I was convinced I would never get pregnant again. I was told that this was a “fluke,” unrelated to any scar tissue or malformation, and that I shouldn’t have problems in the future. I didn’t believe them. After all, they’d screwed up royally so far. I found this blog post I’d written (never published) shortly after the ordeal:
So, I guess I need to write about my struggles. That’ll help, right? Sometimes I just want to flick my womb to get it to wake up. I mean, how the hell hard is it to get pregnant? Crack-whores do it all the time. But, I’m the one-tubed wonder, leaning a little to the left. Even I have to admit that I’m embarrased at how pessimistic I must sound. I have become a more positive person lately. It wasn’t really a conscious choice, but rather a survival mechanism. After all, what choice do I really have? Negative people annoy me, and since I can’t get away from myself, I’d better straighten up.
Our first baby would have been due in September 2008, and that same month, I peed on a stick again. BFP (big, fat positive). I told my husband, “This time, everything is going to be ok.” And it was. Our darling Anna was born in June 2009, and I can’t imagine life without her. I mourn the loss of our first child, but I know I’ll meet her someday. There are two scars on my lower abdomen to remind me of her, scars that have faded with two subsequent pregnancies, but still remain. Fitting.

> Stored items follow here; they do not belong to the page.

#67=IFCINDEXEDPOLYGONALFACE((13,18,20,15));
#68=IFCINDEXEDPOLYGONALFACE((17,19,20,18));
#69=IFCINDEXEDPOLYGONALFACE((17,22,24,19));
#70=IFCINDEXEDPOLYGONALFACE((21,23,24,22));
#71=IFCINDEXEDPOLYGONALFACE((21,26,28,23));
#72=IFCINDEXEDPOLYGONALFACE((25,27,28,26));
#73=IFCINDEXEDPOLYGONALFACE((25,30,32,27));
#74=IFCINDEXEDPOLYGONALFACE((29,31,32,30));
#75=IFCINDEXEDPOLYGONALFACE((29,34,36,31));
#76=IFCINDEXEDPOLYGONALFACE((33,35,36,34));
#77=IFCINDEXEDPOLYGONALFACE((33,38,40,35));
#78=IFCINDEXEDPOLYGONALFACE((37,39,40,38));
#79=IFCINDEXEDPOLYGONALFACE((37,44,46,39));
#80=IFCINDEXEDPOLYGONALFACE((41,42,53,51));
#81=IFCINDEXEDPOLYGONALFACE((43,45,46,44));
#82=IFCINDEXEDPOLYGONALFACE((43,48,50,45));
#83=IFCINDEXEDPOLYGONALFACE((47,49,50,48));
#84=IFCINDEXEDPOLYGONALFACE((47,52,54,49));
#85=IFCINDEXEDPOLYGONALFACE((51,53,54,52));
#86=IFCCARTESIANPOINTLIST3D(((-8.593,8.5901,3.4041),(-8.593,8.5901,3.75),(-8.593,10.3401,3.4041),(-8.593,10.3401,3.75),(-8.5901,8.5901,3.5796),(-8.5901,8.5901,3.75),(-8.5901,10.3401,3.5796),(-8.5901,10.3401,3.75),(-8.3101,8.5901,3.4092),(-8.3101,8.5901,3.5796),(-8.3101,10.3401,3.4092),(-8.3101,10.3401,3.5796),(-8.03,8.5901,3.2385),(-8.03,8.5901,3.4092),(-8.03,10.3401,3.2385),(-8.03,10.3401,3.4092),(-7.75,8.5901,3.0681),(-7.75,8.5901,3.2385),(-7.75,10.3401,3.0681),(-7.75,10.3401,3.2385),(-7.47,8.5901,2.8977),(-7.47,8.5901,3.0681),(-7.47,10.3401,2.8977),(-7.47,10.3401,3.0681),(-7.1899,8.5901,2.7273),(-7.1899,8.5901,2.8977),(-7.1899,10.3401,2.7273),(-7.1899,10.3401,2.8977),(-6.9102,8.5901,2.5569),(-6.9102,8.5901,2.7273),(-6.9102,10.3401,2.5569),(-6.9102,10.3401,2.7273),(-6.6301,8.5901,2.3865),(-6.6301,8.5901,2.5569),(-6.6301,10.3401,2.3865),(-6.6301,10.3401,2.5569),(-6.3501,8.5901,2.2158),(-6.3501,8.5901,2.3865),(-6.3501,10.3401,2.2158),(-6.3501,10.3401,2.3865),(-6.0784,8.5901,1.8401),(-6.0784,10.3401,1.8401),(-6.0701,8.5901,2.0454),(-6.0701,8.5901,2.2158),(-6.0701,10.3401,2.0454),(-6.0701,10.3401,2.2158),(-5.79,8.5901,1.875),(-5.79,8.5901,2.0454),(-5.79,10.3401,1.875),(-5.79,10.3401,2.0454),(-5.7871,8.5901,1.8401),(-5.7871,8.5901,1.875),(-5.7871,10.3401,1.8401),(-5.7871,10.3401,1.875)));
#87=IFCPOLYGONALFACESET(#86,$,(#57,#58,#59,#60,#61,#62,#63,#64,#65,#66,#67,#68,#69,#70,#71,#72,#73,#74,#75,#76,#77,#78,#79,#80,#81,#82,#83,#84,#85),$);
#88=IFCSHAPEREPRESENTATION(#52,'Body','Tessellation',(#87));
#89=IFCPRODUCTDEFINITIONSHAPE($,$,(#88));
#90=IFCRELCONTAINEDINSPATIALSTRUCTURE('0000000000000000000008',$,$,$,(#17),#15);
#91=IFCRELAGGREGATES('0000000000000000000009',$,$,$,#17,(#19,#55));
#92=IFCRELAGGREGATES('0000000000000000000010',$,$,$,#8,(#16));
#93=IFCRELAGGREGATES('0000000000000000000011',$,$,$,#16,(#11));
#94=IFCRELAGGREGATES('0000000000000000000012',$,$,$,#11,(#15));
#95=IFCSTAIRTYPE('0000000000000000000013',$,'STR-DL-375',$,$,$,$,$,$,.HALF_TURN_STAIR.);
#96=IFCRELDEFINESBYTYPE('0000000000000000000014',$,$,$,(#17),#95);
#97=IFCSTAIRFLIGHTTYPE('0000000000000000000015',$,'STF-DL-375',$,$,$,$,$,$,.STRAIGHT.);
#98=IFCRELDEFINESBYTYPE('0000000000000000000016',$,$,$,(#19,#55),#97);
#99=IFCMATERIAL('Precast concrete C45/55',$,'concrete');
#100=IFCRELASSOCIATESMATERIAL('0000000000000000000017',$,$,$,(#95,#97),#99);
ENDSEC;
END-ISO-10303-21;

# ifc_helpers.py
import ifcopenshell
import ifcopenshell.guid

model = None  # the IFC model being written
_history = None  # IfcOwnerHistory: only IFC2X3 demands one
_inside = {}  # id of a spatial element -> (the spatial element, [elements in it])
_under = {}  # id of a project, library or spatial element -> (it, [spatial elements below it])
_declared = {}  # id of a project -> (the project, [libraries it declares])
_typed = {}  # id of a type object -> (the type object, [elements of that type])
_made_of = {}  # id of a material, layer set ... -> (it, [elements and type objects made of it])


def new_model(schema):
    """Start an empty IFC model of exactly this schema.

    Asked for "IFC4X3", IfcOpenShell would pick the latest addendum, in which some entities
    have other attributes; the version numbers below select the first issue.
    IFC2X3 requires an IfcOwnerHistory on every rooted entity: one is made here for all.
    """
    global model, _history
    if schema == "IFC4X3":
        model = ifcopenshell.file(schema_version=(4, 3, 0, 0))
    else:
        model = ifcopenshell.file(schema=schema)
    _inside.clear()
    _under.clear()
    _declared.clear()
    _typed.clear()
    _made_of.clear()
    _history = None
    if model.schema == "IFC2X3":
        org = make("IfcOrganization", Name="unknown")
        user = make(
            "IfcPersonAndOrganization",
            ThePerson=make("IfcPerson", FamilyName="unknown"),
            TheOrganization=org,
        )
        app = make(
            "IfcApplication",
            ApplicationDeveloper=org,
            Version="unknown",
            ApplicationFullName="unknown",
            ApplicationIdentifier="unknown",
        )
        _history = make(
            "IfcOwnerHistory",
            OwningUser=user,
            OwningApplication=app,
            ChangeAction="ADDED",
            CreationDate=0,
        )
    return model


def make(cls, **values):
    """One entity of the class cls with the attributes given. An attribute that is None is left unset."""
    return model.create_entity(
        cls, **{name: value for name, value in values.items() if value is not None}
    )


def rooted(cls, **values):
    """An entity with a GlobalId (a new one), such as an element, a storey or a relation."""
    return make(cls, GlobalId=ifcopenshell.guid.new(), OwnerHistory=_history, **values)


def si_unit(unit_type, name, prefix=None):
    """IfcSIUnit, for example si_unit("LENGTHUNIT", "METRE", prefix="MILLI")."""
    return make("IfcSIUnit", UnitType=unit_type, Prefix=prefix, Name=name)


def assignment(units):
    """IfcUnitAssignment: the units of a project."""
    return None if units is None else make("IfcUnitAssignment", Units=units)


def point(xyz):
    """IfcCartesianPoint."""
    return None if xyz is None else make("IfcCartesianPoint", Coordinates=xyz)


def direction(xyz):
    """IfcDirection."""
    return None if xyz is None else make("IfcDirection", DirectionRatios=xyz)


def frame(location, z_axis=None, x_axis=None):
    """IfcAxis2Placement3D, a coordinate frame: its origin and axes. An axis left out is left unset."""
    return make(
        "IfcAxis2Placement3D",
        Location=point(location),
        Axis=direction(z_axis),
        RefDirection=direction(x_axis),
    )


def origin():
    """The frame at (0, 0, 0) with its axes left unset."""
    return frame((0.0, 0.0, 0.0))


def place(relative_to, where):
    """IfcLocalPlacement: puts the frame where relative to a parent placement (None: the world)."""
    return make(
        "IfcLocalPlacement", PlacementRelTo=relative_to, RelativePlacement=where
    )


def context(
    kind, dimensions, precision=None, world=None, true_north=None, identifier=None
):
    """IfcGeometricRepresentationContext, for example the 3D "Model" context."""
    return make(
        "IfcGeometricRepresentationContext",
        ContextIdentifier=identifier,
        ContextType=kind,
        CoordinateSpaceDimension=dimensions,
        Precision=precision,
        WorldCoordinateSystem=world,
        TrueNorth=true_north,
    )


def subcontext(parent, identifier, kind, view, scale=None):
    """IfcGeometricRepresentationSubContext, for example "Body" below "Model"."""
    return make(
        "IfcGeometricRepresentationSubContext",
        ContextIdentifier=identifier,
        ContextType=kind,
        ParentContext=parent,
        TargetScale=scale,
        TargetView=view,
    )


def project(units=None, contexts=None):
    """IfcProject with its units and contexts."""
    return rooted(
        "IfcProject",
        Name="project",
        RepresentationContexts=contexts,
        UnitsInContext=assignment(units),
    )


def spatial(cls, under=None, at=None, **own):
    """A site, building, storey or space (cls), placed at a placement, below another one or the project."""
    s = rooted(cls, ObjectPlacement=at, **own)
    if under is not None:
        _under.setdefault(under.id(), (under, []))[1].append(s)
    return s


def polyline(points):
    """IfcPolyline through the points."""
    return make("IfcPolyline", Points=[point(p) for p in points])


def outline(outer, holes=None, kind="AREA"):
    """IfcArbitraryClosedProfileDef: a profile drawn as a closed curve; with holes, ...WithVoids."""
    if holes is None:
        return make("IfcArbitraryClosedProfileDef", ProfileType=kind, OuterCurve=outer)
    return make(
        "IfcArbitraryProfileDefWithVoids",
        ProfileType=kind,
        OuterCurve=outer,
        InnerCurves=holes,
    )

She formed outside of my womb, but not outside of my heart. She will forever be our angel baby, stubborn and full of life, just like her sisters. I’m so blessed to have my two daughters here on earth to hold in my arms. And if you’re going through the same thing, don’t lose hope. If you want to be a mother, you will be. Whether through natural birth, adoption, step-children, or other arrangement, you will be a mother. You will.